# Maine Coons: weight vs age!



## mlynnc

Ever since I started researching into the Maine Coon breed and then following that, owning one (by handsome boy, Enzo!)... I've been curious about their size vs age.

I understand that Maine Coon's are all unique and therefore all grow at different rates, also things such as gender and pedigree can affect their final size too.

So, my question to all Maine Coon owners is... how much does your Maine Coon weigh and how old are they? I'd be interested to hear about past and present loved ones.


I'll start... (gender, age and weight!) 

My boy Enzo is currently 8.5 months old and weighs 4.9kg.


----------



## mlynnc

Maybe a photo would be fun too??


----------



## messyhearts

Boys & girls will be different obviously. 

If you're looking to make some sort of chart I'll give you a few weigh-ins.

At seven months...

4kg/9lbs









At ten months...

5kg/11lbs










At fourteen months...

6.5kg/14.3lbs










She was weighed at the vets the last time who said (as he is her breeder's vet too) she was the largest Maine Coon girl he'd weighed.  All the lovely ladies at the shows ask what I feed her as she is bigger (not fatter) than her relatives & other girls of her age.

:blush:


----------



## mlynnc

Thanks messy!!

Yes, I'm trying to make a chart! I've got all of Enzo's weights and would love to compare his to others!

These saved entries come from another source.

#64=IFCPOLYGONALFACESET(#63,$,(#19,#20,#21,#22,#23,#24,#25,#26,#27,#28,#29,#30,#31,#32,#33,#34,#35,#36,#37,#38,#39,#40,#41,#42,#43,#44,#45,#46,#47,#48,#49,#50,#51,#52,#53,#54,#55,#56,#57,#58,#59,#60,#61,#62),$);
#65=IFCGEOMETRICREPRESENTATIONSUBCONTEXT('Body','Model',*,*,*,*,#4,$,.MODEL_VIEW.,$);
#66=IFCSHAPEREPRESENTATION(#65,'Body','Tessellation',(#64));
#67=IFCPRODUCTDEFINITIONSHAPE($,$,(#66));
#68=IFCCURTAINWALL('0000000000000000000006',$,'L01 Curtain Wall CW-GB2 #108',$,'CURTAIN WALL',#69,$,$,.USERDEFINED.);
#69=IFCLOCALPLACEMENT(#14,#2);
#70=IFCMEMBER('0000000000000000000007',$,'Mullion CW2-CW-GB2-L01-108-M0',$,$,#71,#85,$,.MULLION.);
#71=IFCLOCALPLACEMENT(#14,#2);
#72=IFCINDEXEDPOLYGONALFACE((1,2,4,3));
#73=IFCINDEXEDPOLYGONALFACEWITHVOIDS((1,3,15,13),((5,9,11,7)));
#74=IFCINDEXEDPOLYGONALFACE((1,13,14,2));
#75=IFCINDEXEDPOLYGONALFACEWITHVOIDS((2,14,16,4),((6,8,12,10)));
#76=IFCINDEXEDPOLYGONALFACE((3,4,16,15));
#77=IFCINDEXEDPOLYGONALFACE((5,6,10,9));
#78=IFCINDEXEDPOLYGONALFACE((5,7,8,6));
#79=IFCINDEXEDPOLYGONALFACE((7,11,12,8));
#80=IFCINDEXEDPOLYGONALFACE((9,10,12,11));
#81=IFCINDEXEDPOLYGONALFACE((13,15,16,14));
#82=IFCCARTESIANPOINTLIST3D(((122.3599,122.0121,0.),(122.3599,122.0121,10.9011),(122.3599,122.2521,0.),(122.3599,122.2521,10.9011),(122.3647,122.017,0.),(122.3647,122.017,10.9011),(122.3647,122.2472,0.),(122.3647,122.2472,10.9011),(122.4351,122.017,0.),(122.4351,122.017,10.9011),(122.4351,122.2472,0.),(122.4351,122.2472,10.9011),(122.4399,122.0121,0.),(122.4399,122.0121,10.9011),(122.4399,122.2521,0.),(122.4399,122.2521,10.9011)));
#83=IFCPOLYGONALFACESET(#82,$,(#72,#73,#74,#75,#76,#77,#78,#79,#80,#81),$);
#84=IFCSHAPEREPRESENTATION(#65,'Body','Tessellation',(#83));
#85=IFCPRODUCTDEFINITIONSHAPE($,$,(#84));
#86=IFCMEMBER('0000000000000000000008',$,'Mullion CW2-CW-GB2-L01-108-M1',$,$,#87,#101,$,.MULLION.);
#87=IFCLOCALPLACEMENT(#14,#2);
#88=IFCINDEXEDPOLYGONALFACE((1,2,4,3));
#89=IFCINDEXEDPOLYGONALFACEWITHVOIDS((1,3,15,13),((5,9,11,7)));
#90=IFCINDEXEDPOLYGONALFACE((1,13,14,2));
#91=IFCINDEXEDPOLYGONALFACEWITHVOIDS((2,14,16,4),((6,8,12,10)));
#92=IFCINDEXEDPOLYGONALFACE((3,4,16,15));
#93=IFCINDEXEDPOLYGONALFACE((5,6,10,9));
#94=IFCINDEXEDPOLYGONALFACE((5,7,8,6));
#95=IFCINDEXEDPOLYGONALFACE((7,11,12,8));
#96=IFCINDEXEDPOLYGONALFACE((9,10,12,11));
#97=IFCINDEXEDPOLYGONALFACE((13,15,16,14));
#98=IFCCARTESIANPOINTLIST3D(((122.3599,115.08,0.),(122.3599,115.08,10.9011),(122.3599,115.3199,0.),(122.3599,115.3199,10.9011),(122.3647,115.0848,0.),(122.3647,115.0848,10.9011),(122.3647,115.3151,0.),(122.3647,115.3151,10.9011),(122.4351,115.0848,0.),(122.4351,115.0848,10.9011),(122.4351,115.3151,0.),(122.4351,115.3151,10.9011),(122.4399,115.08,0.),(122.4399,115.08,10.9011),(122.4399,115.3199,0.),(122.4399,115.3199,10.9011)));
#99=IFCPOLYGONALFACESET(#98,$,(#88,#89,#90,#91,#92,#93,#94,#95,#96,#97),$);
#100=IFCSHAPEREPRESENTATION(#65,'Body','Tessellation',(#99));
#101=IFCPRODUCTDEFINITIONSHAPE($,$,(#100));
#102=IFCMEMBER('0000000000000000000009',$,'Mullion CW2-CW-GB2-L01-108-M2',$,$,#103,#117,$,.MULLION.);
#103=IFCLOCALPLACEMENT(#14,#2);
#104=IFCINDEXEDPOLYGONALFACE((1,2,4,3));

Can't make much of a chart based around two Maine Coons though


----------



## messyhearts

You are quite right, one needs at least three sets of results for it to be officially a science experiment.


----------



## Catlover2

My adult Maine Coon cross reached 7.8 kgs - I was told by the vet to get him down to 6kgs - I think he's around that now.

~x~


----------



## groundhogdaze

OUr maine coon girl is 2 years and 10 months and we weighed her tonight and she is 14Llbs - just over 6 Kilos. It's only in the last few months she's really filled out - not fat but it's like she suddenly went to the gym then did steroids on the side. She's big but fit healthy and active


----------



## Dally Banjo

Probably not much help but anyway, louie is 16 weeks today & weighs 2.7kg  our last MC was 6kg ish he was just under 10yrs though.

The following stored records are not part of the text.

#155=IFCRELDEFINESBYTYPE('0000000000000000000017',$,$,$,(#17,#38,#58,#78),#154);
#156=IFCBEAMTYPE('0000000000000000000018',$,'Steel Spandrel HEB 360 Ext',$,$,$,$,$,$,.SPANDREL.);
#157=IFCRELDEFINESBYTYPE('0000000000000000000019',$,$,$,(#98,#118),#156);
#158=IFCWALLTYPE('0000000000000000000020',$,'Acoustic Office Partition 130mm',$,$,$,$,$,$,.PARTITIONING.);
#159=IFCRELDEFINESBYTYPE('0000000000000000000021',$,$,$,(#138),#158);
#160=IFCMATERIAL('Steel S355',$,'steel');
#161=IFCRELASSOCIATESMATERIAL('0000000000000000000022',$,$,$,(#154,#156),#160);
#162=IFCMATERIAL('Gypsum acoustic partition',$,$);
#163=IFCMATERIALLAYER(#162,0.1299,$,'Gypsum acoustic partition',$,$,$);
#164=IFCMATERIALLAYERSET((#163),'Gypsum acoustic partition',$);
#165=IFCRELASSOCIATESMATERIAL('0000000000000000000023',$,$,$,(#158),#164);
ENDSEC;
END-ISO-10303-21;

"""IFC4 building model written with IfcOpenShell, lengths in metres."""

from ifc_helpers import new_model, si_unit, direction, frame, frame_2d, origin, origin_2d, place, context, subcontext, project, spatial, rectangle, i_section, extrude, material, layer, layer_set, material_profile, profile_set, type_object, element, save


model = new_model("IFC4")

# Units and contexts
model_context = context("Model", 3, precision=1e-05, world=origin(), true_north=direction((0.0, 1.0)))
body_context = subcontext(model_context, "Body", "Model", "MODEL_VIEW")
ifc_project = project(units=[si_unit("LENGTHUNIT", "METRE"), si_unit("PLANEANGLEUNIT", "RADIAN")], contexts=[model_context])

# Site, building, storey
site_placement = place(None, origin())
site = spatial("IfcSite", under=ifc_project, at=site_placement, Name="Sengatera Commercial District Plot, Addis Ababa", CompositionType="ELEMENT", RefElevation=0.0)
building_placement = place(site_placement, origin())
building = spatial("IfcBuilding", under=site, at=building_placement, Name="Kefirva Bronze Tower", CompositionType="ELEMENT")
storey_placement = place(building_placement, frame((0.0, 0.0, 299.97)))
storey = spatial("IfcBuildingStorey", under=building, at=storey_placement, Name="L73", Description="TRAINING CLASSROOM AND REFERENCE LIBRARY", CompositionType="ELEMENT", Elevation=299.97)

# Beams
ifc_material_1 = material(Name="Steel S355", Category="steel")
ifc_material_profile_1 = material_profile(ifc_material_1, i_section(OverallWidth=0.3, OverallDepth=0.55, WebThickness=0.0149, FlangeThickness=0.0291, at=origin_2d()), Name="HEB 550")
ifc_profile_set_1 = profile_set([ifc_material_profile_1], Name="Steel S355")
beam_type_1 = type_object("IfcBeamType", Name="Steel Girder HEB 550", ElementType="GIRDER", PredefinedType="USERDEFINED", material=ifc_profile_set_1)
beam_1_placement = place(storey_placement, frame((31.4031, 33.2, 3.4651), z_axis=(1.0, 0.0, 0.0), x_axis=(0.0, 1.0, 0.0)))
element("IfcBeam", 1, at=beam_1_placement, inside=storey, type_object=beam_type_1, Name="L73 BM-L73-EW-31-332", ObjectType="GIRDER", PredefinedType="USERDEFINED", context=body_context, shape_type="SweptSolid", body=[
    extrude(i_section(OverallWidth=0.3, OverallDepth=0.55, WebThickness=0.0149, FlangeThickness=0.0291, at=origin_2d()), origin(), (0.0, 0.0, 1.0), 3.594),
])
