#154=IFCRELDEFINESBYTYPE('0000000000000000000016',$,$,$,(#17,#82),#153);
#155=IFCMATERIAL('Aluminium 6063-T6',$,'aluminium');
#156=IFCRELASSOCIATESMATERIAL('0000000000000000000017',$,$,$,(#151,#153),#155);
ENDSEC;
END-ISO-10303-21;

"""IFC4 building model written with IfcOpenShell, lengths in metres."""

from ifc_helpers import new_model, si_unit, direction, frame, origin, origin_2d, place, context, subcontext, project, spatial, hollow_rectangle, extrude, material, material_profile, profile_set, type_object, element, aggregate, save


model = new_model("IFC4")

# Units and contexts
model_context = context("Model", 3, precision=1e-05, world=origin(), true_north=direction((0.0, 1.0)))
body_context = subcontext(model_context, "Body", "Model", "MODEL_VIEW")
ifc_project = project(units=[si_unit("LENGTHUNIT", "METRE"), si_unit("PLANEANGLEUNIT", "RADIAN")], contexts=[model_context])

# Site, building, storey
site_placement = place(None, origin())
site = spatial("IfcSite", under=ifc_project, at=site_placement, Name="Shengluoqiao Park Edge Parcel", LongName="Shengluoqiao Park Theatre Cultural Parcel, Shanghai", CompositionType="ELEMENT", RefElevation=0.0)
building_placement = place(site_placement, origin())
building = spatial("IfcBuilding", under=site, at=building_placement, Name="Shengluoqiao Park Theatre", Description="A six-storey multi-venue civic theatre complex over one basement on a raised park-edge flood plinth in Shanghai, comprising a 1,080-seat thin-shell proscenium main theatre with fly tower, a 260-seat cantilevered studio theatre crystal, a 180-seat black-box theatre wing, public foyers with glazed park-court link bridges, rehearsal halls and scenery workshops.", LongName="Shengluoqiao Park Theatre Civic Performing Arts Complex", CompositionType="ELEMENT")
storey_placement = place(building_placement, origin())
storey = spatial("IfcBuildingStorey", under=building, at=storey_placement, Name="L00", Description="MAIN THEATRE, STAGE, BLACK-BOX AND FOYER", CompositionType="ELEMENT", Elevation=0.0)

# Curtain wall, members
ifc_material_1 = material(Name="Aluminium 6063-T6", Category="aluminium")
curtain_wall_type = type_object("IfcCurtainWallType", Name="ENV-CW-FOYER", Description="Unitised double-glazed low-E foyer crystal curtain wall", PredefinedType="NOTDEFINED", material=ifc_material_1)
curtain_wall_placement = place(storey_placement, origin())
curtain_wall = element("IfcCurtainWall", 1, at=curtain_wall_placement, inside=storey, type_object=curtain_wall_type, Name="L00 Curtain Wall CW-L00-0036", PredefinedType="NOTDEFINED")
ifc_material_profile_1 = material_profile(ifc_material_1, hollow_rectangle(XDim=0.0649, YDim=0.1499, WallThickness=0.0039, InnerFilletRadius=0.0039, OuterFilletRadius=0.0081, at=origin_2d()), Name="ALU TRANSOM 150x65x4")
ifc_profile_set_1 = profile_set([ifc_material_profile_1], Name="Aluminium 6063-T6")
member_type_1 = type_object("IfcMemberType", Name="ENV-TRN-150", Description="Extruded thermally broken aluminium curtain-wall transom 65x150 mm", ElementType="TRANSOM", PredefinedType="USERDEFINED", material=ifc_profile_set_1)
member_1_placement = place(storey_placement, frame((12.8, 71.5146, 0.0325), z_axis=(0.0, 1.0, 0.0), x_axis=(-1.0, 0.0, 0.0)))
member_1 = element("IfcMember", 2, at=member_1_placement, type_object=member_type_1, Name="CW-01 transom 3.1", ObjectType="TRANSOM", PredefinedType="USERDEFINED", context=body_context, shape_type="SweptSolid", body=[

Looking good Enzo  & Messyhearts your girl is just gorgeous :001_tt1:


----------



## mlynnc

Thanks everyone!



Dally Banjo said:


> Probably not much help but anyway, louie is 16 weeks today & weighs 2.7kg  our last MC was 6kg ish he was just under 10yrs though.
> 
> Looking good Enzo  & Messyhearts your girl is just gorgeous :001_tt1:


It's a fantastic help! Louie will definitely be a big boy!!


----------



## messyhearts

Dally Banjo said:


> Looking good Enzo  & Messyhearts your girl is just gorgeous :001_tt1:


Thanks. She does take a good photo.


----------



## Dally Banjo

This is quite interesting Size Isn't Everything


----------



## mlynnc

Dally Banjo said:


> This is quite interesting Size Isn't Everything


Very interesting read! Thanks for sharing! I'm going to start measuring Enzo alongside keeping record of his weight.

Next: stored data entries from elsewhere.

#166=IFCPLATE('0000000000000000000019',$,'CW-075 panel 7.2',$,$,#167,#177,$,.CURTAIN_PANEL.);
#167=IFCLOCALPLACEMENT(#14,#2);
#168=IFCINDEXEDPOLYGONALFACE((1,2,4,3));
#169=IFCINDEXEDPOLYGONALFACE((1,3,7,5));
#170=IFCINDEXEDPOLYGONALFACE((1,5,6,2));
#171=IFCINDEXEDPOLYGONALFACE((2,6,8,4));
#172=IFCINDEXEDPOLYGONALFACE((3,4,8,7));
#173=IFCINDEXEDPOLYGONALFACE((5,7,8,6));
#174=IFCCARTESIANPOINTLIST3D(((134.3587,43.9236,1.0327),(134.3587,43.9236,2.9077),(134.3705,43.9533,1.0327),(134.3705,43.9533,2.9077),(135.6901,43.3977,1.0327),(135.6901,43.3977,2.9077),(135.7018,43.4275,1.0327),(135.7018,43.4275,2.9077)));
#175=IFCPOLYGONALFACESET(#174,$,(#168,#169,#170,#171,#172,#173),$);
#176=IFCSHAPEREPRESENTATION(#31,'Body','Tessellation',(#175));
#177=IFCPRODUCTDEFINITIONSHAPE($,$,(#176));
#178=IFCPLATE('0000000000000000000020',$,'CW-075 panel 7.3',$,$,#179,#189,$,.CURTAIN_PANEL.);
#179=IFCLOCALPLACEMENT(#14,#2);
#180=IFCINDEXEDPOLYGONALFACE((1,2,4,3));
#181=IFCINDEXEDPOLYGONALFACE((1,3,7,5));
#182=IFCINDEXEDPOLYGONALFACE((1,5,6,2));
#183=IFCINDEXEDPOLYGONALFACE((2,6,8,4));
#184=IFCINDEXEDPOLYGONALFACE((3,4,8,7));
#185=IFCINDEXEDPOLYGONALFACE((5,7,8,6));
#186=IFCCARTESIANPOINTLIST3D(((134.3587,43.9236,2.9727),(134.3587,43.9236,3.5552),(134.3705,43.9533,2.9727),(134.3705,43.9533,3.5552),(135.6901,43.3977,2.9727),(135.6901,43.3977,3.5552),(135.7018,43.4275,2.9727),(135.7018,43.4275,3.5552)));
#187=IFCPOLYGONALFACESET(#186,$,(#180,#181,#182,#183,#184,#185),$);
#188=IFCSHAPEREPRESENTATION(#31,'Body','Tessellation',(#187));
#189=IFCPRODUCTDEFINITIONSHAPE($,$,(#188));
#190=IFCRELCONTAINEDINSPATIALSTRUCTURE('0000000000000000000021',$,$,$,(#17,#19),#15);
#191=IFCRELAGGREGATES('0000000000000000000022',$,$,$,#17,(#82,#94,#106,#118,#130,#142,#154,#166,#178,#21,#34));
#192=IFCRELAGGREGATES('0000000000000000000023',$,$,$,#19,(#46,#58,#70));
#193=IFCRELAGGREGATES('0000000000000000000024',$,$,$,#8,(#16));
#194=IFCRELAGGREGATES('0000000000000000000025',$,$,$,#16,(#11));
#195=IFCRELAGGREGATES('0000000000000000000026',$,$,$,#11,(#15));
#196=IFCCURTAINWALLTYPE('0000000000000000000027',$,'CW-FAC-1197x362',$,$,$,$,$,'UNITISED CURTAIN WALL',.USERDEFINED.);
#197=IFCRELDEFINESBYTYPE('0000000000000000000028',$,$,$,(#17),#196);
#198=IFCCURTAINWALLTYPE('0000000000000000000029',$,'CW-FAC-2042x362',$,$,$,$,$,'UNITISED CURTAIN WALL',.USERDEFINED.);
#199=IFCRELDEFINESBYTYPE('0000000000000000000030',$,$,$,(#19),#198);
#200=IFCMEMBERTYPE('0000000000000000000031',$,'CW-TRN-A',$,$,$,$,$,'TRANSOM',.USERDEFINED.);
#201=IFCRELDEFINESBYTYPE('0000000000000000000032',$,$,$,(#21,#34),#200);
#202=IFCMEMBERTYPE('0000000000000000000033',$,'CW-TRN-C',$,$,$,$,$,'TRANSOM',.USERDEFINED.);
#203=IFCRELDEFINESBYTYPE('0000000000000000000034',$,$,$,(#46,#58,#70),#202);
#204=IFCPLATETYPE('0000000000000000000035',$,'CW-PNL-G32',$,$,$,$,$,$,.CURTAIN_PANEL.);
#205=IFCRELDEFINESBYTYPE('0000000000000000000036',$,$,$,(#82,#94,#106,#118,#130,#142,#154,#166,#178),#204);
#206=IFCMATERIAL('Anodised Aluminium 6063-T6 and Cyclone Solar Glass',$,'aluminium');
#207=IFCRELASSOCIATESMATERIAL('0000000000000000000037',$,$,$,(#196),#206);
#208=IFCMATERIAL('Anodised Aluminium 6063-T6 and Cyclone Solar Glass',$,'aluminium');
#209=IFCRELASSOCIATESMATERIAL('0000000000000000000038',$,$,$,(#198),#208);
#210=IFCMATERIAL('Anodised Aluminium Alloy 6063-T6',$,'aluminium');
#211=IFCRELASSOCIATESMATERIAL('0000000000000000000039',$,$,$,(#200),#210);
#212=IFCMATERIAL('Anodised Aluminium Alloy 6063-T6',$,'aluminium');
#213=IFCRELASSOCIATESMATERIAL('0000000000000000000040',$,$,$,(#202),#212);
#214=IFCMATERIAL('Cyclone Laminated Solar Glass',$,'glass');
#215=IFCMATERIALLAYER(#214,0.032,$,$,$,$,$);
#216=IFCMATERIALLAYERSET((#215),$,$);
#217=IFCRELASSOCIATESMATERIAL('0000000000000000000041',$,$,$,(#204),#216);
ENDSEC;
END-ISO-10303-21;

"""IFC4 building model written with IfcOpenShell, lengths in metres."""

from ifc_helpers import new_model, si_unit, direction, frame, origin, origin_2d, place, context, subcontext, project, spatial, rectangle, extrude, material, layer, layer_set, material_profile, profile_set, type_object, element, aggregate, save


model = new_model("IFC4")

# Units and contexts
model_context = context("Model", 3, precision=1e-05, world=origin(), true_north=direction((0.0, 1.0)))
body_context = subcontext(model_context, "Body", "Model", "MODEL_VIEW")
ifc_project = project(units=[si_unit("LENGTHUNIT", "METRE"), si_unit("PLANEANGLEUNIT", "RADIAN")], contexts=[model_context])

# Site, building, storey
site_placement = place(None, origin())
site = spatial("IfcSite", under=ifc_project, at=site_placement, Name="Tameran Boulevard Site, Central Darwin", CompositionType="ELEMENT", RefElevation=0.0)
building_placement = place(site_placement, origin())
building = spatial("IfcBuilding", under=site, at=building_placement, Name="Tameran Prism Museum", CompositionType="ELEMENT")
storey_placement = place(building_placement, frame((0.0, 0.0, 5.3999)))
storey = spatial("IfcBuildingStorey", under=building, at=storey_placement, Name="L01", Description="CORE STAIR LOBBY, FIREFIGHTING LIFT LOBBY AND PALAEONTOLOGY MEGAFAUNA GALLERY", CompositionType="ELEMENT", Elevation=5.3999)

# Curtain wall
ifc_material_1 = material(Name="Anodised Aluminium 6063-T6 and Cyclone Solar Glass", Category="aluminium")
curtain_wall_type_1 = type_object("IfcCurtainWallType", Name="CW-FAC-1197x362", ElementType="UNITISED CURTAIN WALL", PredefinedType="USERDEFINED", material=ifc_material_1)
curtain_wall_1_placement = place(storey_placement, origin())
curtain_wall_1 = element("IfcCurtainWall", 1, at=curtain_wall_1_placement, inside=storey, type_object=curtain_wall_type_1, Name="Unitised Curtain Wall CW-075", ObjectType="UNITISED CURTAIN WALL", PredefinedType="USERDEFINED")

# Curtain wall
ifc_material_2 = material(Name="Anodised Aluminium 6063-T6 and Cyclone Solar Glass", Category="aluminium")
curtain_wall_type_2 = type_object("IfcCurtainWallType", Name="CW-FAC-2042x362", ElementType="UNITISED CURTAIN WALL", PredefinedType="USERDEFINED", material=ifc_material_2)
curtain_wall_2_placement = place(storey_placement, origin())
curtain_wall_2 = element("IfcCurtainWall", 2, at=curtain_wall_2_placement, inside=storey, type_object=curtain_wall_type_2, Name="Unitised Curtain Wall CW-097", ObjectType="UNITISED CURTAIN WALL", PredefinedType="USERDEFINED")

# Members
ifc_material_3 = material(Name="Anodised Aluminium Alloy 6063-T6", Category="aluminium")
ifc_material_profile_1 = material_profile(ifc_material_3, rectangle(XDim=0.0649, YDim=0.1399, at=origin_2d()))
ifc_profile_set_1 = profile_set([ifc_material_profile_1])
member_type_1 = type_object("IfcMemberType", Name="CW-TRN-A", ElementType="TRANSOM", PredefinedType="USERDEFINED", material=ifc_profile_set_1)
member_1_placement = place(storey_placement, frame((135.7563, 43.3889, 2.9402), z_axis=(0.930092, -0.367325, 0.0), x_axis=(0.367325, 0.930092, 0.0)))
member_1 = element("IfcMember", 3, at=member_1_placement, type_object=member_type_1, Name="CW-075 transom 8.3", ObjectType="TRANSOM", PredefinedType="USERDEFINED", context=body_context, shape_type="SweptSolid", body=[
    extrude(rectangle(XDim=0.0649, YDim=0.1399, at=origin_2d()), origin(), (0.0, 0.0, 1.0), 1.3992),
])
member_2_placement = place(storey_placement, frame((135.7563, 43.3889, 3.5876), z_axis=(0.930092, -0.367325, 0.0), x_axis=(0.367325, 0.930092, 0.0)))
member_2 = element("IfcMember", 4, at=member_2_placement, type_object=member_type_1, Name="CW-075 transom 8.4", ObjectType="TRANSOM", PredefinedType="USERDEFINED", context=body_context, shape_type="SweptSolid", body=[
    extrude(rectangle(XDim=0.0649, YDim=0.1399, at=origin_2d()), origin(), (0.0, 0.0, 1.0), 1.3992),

With the help of my partner, I just measured (a very sleepy) Enzo... he is 97cm at almost 9 months old - so, on par!

I've only ever measured Enzo once before this at 6 months old... he was 89cm.


----------



## Dally Banjo

We will have another go at measureing Louie tried last night when he was napping but as soon as he noticed the tape he was wide awake for a game 

Our last MC looked huge but Scutter weighs more than he did but he is on weight watchers at the mo :blush:, Milo had a very long back & tail so I dont think weight is everything we all grow differently. Milo was definately a tail with a cat attatched he was always helping to decorate with it


----------



## silksoft

hi my female maine coone is 18 months old an weight 4 kg , about 8.8 lbs . she is really skinny and bony I hope she fills out soon . Rachel x


----------



## catcoonz

Now we are talking mc's 

will only do 2 so i dont annoy anybody with 100's of photo's.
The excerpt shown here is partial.